Вот это взорвалось так взорвалось! Проклятую машину сразу объяло пламя, но мы смогли подойти поближе и понаблюдать, как горит этот жмурик внутри. Просто улет, пользуясь народным выражением. «Воды, воды!» — надрывался какой-то придурок. «Где же взять воды, приятель? Здесь нету Джеймсов Бондов, чтобы носить с собой все необходимое. Пусть он догорит и перестанет мучиться». Раньше в Медельине было тридцать пять тысяч такси, а теперь стало тридцать четыре тысячи девятьсот девяносто девять.

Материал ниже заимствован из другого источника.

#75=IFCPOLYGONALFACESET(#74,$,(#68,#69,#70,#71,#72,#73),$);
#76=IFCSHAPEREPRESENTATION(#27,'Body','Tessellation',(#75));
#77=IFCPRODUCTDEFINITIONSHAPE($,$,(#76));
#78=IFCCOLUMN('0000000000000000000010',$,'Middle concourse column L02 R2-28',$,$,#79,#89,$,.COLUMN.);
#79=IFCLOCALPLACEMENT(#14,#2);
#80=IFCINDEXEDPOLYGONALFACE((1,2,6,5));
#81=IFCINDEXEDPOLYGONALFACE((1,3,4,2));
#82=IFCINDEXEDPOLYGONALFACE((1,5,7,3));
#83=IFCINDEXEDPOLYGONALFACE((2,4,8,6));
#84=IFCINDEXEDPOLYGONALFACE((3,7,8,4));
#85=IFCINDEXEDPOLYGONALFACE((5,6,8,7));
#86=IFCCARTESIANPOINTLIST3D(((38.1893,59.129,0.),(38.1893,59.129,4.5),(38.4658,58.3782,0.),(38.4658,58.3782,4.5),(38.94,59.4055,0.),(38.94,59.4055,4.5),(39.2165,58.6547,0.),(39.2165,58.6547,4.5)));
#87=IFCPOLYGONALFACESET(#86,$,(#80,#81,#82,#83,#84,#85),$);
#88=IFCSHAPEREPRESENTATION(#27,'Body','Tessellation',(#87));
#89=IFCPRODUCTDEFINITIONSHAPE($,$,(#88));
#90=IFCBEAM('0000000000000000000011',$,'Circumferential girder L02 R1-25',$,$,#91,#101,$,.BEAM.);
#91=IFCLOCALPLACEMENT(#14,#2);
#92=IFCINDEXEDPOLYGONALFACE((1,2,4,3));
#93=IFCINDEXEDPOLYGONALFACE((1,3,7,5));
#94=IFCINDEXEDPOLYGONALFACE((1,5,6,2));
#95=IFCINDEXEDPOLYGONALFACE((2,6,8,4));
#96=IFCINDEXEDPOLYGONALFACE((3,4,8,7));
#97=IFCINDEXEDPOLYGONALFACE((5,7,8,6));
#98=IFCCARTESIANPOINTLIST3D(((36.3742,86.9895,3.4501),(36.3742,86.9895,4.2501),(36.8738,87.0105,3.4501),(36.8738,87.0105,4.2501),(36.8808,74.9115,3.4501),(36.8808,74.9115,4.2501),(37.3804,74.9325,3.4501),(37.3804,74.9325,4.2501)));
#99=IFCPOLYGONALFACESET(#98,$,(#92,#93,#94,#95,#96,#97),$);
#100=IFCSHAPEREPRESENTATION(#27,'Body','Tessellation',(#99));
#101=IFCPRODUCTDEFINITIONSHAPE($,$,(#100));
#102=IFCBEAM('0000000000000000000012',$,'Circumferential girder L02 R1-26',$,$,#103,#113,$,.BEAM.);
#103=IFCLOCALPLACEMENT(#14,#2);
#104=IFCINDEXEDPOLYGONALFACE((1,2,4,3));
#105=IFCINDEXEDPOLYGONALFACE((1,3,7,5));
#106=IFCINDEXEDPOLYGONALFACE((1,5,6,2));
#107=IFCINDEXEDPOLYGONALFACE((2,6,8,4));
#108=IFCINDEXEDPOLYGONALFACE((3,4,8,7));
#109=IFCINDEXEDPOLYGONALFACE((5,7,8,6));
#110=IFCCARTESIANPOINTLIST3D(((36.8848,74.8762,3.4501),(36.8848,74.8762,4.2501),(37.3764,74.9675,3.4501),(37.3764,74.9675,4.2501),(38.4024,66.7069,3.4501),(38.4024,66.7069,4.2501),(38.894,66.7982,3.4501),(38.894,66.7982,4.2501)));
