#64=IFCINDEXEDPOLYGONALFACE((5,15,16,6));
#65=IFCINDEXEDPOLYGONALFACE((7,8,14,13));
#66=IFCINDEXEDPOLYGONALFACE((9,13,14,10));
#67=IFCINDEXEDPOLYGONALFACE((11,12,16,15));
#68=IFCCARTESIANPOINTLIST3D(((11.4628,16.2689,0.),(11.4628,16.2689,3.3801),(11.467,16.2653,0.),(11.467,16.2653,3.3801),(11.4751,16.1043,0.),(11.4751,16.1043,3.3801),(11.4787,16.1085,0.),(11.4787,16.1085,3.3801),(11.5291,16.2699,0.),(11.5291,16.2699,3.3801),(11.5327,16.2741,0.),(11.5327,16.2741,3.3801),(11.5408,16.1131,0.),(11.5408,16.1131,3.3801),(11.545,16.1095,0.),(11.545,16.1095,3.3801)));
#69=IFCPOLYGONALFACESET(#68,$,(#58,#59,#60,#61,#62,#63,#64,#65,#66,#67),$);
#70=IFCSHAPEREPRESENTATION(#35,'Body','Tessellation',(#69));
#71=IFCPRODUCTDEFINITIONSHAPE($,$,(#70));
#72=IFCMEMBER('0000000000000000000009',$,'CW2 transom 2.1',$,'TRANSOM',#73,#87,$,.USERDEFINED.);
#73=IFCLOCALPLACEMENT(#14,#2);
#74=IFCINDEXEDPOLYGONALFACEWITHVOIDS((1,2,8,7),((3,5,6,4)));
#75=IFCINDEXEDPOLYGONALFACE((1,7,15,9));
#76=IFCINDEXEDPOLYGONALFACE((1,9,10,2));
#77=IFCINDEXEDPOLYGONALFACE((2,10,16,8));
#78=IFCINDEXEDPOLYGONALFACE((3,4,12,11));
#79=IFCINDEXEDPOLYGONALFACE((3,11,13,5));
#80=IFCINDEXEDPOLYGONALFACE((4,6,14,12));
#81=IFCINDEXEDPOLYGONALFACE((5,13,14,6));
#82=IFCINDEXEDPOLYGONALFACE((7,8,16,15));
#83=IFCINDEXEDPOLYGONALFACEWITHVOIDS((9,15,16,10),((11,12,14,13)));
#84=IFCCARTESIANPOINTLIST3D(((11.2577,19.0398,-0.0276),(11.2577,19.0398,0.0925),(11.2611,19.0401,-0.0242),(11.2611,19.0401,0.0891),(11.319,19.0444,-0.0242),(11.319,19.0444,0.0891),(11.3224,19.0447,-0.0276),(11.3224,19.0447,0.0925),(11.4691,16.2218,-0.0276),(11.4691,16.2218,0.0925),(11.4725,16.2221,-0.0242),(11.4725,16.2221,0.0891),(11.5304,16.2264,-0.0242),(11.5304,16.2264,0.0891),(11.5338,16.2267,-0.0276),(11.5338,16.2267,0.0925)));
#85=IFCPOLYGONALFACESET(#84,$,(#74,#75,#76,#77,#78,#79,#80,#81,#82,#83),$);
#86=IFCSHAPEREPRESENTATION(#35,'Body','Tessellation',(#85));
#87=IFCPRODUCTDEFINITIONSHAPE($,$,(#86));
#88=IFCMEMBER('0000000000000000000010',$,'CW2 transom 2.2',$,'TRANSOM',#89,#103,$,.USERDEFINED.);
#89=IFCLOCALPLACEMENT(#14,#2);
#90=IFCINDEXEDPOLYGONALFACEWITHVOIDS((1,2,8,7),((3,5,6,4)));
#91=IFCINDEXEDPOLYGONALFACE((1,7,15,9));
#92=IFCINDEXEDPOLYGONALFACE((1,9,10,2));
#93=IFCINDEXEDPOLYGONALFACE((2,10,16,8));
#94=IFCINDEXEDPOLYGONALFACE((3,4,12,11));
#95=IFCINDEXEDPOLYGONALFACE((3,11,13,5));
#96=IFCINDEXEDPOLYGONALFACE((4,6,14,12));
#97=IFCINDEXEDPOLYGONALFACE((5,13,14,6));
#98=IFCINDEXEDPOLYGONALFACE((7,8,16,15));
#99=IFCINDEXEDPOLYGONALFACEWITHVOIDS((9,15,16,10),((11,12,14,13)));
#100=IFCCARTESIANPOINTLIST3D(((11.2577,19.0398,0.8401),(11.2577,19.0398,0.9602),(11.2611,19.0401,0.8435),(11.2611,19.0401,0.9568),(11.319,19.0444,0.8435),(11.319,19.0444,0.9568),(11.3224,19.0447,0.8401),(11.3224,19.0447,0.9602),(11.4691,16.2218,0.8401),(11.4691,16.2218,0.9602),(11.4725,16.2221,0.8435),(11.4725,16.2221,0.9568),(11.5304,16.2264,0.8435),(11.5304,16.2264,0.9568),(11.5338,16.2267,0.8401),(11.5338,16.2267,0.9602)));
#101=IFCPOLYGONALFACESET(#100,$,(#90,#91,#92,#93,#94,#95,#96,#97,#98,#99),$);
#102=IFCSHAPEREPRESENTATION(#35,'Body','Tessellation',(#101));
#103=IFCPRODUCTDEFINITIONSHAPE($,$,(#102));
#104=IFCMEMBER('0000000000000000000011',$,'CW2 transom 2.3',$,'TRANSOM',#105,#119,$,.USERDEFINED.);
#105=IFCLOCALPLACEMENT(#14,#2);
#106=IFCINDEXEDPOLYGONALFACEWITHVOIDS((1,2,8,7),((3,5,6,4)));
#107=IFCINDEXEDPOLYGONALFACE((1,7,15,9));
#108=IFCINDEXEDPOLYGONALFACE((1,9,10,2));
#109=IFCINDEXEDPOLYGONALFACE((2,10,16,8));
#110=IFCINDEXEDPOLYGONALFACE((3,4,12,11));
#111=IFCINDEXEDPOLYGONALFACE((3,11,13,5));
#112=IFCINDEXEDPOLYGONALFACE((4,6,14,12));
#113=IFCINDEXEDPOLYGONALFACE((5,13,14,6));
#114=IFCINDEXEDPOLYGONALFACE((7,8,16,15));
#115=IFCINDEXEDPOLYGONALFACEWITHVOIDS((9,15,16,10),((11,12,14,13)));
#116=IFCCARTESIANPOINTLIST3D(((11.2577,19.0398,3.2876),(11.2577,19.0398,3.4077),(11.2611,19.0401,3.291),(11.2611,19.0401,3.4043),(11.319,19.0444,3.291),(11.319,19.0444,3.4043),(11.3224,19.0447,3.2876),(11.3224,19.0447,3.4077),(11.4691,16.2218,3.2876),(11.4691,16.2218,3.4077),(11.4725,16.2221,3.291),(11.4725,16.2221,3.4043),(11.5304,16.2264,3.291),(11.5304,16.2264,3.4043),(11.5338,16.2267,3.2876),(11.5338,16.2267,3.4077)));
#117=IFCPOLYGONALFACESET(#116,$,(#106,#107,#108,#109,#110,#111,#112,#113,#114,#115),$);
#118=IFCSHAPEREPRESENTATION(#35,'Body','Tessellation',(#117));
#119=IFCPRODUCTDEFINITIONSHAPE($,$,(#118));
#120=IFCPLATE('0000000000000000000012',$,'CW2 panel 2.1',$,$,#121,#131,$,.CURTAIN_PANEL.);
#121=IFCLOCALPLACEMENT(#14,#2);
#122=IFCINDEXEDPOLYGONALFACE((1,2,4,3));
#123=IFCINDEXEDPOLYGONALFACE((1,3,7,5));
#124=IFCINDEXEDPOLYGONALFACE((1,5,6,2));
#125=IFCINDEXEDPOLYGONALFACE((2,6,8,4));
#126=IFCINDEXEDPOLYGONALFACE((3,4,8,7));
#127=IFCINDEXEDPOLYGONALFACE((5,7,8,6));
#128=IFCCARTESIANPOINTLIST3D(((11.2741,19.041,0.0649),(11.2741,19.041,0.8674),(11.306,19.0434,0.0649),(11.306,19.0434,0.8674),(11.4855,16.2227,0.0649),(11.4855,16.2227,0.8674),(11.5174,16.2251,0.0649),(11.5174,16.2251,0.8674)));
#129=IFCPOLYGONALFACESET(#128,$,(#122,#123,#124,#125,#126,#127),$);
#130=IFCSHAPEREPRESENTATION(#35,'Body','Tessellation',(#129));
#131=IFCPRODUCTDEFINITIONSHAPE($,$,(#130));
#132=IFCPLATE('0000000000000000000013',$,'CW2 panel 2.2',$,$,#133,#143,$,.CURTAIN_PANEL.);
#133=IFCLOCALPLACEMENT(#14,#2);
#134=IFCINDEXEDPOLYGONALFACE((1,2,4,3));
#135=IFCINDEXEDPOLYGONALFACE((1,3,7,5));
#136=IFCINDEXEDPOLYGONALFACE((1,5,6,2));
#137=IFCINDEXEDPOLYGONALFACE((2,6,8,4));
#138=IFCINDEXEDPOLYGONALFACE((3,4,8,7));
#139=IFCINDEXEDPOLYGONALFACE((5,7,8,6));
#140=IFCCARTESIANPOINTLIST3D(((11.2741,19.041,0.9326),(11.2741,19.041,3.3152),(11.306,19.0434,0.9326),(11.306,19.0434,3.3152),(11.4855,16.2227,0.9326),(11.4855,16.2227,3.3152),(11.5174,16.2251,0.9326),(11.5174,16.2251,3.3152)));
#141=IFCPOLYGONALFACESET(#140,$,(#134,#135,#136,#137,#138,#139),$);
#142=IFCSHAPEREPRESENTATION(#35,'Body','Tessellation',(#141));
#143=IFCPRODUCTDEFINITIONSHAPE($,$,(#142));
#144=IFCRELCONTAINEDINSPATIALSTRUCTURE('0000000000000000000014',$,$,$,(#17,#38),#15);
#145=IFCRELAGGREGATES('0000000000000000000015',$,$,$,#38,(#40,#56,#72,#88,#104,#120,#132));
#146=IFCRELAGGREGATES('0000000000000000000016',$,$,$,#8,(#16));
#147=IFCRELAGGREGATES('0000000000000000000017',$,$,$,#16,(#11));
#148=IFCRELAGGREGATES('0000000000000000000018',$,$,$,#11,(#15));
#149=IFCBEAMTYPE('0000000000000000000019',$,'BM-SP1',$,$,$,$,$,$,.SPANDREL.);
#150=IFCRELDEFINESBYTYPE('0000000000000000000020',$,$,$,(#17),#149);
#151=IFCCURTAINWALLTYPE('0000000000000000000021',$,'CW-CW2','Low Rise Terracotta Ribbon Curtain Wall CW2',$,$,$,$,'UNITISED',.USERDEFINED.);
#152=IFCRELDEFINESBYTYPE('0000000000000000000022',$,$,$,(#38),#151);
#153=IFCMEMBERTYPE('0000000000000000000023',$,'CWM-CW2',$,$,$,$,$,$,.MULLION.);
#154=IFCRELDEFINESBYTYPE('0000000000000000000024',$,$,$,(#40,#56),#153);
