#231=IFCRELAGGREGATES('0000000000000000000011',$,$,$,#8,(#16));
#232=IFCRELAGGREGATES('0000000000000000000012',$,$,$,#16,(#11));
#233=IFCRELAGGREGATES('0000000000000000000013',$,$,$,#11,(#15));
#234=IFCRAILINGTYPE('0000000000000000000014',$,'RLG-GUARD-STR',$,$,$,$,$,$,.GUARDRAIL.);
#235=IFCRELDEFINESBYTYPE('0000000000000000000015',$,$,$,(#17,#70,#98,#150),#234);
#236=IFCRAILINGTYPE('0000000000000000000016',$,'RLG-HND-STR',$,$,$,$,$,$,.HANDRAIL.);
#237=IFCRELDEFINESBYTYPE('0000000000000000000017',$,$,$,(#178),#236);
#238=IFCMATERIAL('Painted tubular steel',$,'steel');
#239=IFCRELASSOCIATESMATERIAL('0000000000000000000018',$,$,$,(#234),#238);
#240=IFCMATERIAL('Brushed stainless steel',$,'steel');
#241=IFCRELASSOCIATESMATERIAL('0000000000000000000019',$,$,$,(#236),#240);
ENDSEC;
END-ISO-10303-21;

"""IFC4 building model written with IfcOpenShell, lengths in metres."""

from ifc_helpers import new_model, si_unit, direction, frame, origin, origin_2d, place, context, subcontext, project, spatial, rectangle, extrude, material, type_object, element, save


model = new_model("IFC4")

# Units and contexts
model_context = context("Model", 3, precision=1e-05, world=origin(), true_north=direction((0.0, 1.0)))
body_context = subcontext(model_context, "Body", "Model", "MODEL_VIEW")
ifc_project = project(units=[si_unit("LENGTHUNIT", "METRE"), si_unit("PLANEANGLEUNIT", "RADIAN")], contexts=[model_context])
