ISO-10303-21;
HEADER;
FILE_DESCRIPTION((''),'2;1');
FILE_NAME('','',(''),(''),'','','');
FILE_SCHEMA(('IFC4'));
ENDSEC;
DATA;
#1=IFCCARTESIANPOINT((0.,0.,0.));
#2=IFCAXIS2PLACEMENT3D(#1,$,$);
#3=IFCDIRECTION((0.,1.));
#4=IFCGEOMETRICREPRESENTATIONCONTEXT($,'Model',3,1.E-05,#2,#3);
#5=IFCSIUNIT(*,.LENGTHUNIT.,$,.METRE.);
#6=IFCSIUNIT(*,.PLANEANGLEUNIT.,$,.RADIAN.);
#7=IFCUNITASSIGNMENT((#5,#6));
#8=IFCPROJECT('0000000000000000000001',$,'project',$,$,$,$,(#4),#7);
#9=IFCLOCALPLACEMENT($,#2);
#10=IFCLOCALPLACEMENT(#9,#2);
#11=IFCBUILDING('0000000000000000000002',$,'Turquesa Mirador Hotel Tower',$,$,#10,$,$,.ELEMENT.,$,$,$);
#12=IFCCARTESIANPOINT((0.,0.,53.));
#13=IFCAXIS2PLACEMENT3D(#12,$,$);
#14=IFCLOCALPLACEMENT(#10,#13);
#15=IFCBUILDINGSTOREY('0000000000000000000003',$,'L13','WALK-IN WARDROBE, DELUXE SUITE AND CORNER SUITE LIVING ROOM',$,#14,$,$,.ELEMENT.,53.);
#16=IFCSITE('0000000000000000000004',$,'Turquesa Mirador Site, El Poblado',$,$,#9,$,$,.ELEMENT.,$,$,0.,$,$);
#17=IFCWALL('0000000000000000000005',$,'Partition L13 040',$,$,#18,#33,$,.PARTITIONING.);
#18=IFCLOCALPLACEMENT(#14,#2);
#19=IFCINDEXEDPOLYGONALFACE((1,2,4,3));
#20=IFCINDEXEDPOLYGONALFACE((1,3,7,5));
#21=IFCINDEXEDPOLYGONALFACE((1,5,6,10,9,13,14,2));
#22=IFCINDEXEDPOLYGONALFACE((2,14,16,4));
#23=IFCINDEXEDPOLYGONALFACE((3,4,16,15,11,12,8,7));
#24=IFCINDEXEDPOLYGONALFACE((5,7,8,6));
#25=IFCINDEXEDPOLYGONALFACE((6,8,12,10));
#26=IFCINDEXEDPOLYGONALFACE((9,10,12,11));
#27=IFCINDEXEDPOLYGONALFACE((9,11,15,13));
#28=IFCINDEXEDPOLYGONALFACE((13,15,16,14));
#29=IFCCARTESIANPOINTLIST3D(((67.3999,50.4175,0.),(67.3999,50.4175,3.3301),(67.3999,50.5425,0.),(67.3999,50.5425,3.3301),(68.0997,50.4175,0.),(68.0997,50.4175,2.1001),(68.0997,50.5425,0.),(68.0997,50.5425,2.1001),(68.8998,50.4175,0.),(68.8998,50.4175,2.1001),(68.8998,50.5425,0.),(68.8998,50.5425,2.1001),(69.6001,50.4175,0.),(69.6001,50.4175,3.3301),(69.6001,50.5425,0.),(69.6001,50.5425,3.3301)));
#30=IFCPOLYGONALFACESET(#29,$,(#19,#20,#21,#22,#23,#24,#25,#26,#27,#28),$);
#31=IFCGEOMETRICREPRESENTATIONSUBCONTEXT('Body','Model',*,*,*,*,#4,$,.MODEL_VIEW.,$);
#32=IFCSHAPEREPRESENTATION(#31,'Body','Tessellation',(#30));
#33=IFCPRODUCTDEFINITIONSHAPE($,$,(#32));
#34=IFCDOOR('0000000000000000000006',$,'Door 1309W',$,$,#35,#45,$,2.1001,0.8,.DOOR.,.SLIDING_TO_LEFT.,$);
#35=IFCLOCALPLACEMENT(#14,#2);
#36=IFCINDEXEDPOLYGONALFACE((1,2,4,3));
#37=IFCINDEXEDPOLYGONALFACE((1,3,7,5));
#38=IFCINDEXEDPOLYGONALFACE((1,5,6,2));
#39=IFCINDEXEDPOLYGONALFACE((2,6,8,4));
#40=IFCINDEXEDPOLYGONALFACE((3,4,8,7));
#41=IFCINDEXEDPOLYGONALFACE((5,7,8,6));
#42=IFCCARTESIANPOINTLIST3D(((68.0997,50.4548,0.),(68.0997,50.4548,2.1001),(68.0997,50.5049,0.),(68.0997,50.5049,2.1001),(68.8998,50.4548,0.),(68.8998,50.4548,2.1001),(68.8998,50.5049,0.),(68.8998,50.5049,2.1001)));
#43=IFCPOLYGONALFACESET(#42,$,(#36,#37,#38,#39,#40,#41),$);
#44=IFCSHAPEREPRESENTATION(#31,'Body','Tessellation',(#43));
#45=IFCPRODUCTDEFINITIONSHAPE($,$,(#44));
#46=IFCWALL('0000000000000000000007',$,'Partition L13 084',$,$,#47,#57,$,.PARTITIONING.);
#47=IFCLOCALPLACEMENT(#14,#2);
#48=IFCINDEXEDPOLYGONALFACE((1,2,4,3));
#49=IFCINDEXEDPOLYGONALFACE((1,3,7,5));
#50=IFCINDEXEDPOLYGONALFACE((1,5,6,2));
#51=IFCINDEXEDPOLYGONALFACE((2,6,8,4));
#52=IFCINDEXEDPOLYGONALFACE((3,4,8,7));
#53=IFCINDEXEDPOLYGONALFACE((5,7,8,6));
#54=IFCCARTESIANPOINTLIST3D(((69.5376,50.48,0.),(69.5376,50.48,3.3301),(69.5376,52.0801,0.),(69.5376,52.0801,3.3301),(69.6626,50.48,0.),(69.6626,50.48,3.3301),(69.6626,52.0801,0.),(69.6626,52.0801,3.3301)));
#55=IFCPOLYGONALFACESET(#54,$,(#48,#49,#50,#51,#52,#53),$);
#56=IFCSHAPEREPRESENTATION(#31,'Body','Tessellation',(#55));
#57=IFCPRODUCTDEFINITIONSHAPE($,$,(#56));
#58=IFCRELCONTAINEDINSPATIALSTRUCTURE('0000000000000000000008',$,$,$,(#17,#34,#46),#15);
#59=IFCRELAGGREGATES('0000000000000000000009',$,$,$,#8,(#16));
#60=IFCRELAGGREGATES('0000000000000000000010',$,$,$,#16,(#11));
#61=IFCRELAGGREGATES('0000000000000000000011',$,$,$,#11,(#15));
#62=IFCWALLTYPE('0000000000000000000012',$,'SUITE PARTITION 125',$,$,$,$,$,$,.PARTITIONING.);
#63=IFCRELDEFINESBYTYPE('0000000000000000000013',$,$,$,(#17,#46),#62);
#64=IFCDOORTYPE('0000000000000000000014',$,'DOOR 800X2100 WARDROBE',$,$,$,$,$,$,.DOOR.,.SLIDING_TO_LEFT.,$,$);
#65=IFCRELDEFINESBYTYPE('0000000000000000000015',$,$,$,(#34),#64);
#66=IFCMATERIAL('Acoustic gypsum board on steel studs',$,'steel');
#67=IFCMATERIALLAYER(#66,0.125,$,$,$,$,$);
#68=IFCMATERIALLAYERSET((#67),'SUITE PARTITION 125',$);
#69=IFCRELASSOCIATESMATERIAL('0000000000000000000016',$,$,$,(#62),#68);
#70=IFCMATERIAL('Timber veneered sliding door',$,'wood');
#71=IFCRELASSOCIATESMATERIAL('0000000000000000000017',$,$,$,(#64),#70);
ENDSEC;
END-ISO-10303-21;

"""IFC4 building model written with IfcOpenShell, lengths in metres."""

from ifc_helpers import new_model, si_unit, direction, frame, frame_2d, origin, place, context, subcontext, project, spatial, rectangle, extrude, material, layer, layer_set, type_object, element, fill, save


model = new_model("IFC4")

# Units and contexts
model_context = context("Model", 3, precision=1e-05, world=origin(), true_north=direction((0.0, 1.0)))
body_context = subcontext(model_context, "Body", "Model", "MODEL_VIEW")
ifc_project = project(units=[si_unit("LENGTHUNIT", "METRE"), si_unit("PLANEANGLEUNIT", "RADIAN")], contexts=[model_context])

# Site, building, storey
site_placement = place(None, origin())
site = spatial("IfcSite", under=ifc_project, at=site_placement, Name="Turquesa Mirador Site, El Poblado", CompositionType="ELEMENT", RefElevation=0.0)
building_placement = place(site_placement, origin())
building = spatial("IfcBuilding", under=site, at=building_placement, Name="Turquesa Mirador Hotel Tower", CompositionType="ELEMENT")
storey_placement = place(building_placement, frame((0.0, 0.0, 53.0)))
storey = spatial("IfcBuildingStorey", under=building, at=storey_placement, Name="L13", Description="WALK-IN WARDROBE, DELUXE SUITE AND CORNER SUITE LIVING ROOM", CompositionType="ELEMENT", Elevation=53.0)

# Wall, opening, door
ifc_material_1 = material(Name="Acoustic gypsum board on steel studs", Category="steel")
ifc_layer_1 = layer(ifc_material_1, 0.125)
ifc_layer_set_1 = layer_set([ifc_layer_1], Name="SUITE PARTITION 125")
wall_type_1 = type_object("IfcWallType", Name="SUITE PARTITION 125", PredefinedType="PARTITIONING", material=ifc_layer_set_1)
wall_1_placement = place(storey_placement, frame((67.3999, 50.48, 0.0), z_axis=(0.0, 0.0, 1.0), x_axis=(1.0, 0.0, 0.0)))
wall_1 = element("IfcWall", 1, at=wall_1_placement, inside=storey, type_object=wall_type_1, Name="Partition L13 040", PredefinedType="PARTITIONING", context=body_context, shape_type="SweptSolid", body=[
    extrude(rectangle(XDim=2.2002, YDim=0.125, at=frame_2d((1.1001, 0.0))), origin(), (0.0, 0.0, 1.0), 3.3301),
])
opening_1_placement = place(wall_1_placement, frame((0.7, 0.0, 0.0)))
opening_1 = element("IfcOpeningElement", 2, at=opening_1_placement, cuts=wall_1, PredefinedType="OPENING", context=body_context, shape_type="SweptSolid", body=[
    extrude(rectangle(XDim=0.8, YDim=2.1001, at=frame_2d((0.3999, 1.05))), frame((0.0, 0.0725, 0.0), z_axis=(0.0, -1.0, 0.0), x_axis=(1.0, 0.0, 0.0)), (0.0, 0.0, 1.0), 0.145),
])
ifc_material_2 = material(Name="Timber veneered sliding door", Category="wood")
door_type_1 = type_object("IfcDoorType", Name="DOOR 800X2100 WARDROBE", OperationType="SLIDING_TO_LEFT", PredefinedType="DOOR", material=ifc_material_2)
door_1_placement = place(opening_1_placement, origin())
door_1 = element("IfcDoor", 3, at=door_1_placement, inside=storey, type_object=door_type_1, Name="Door 1309W", OperationType="SLIDING_TO_LEFT", OverallHeight=2.1001, OverallWidth=0.8, PredefinedType="DOOR", context=body_context, shape_type="SweptSolid", body=[
    extrude(rectangle(XDim=0.8, YDim=2.1001, at=frame_2d((0.3999, 1.05))), frame((0.0, 0.0249, 0.0), z_axis=(0.0, -1.0, 0.0), x_axis=(1.0, 0.0, 0.0)), (0.0, 0.0, 1.0), 0.05),
])
fill(opening_1, door_1)

# Wall
wall_2_placement = place(storey_placement, frame((69.6001, 50.48, 0.0), z_axis=(0.0, 0.0, 1.0), x_axis=(0.0, 1.0, 0.0)))
element("IfcWall", 4, at=wall_2_placement, inside=storey, type_object=wall_type_1, Name="Partition L13 084", PredefinedType="PARTITIONING", context=body_context, shape_type="SweptSolid", body=[
    extrude(rectangle(XDim=1.6001, YDim=0.125, at=frame_2d((0.8, 0.0))), origin(), (0.0, 0.0, 1.0), 3.3301),
])

save(model, "model.ifc")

И, дойдя до этого места, я, конечно же, снимаю шляпу перед экс-президентом Барко. Он был прав: все проблемы Колумбии заключаются в вопросах семантики. Вот, скажем, «сука» у нас значит очень много — или же вообще ничего. «Как холодно, суки!», например: То есть «до чего же холодно!». «Вот сука, башковитый!» — о человеке очень умном. Но простое «сука», без добавлений, как его употребил тот несчастный — о, это совершенно другое. Это яд, источаемый змеей. А ядовитой змее следует размозжить голову: или она, или ты — так распорядился Господь. Прикончив змею, идем дальше. Эва, официантка в кафе: погибла от выстрела в голову. Когда эта очаровашка опрокинула наш кофе, потому что мы попросили у нее целую салфетку, а не треугольные клочки бумаги, негодные даже для муравьев, — у Алексиса рука потянулась к стволу, и он выстрелил в проклятую девицу. Потом спрятал свою игрушку, и мы вышли из кафе, будто ничего и не случилось, довольные, ковыряя во рту зубочистками. «Здесь отлично кормят, надо как-нибудь вернуться». Как вы понимаете, мы больше не вернулись туда. Преступник возвращается на место преступления… достоевские благоглупости! Он, Достоевский, вернулся бы, убив старушку; я — нет. К чему? В Медельине столько кафе и столько убийств ежедневно.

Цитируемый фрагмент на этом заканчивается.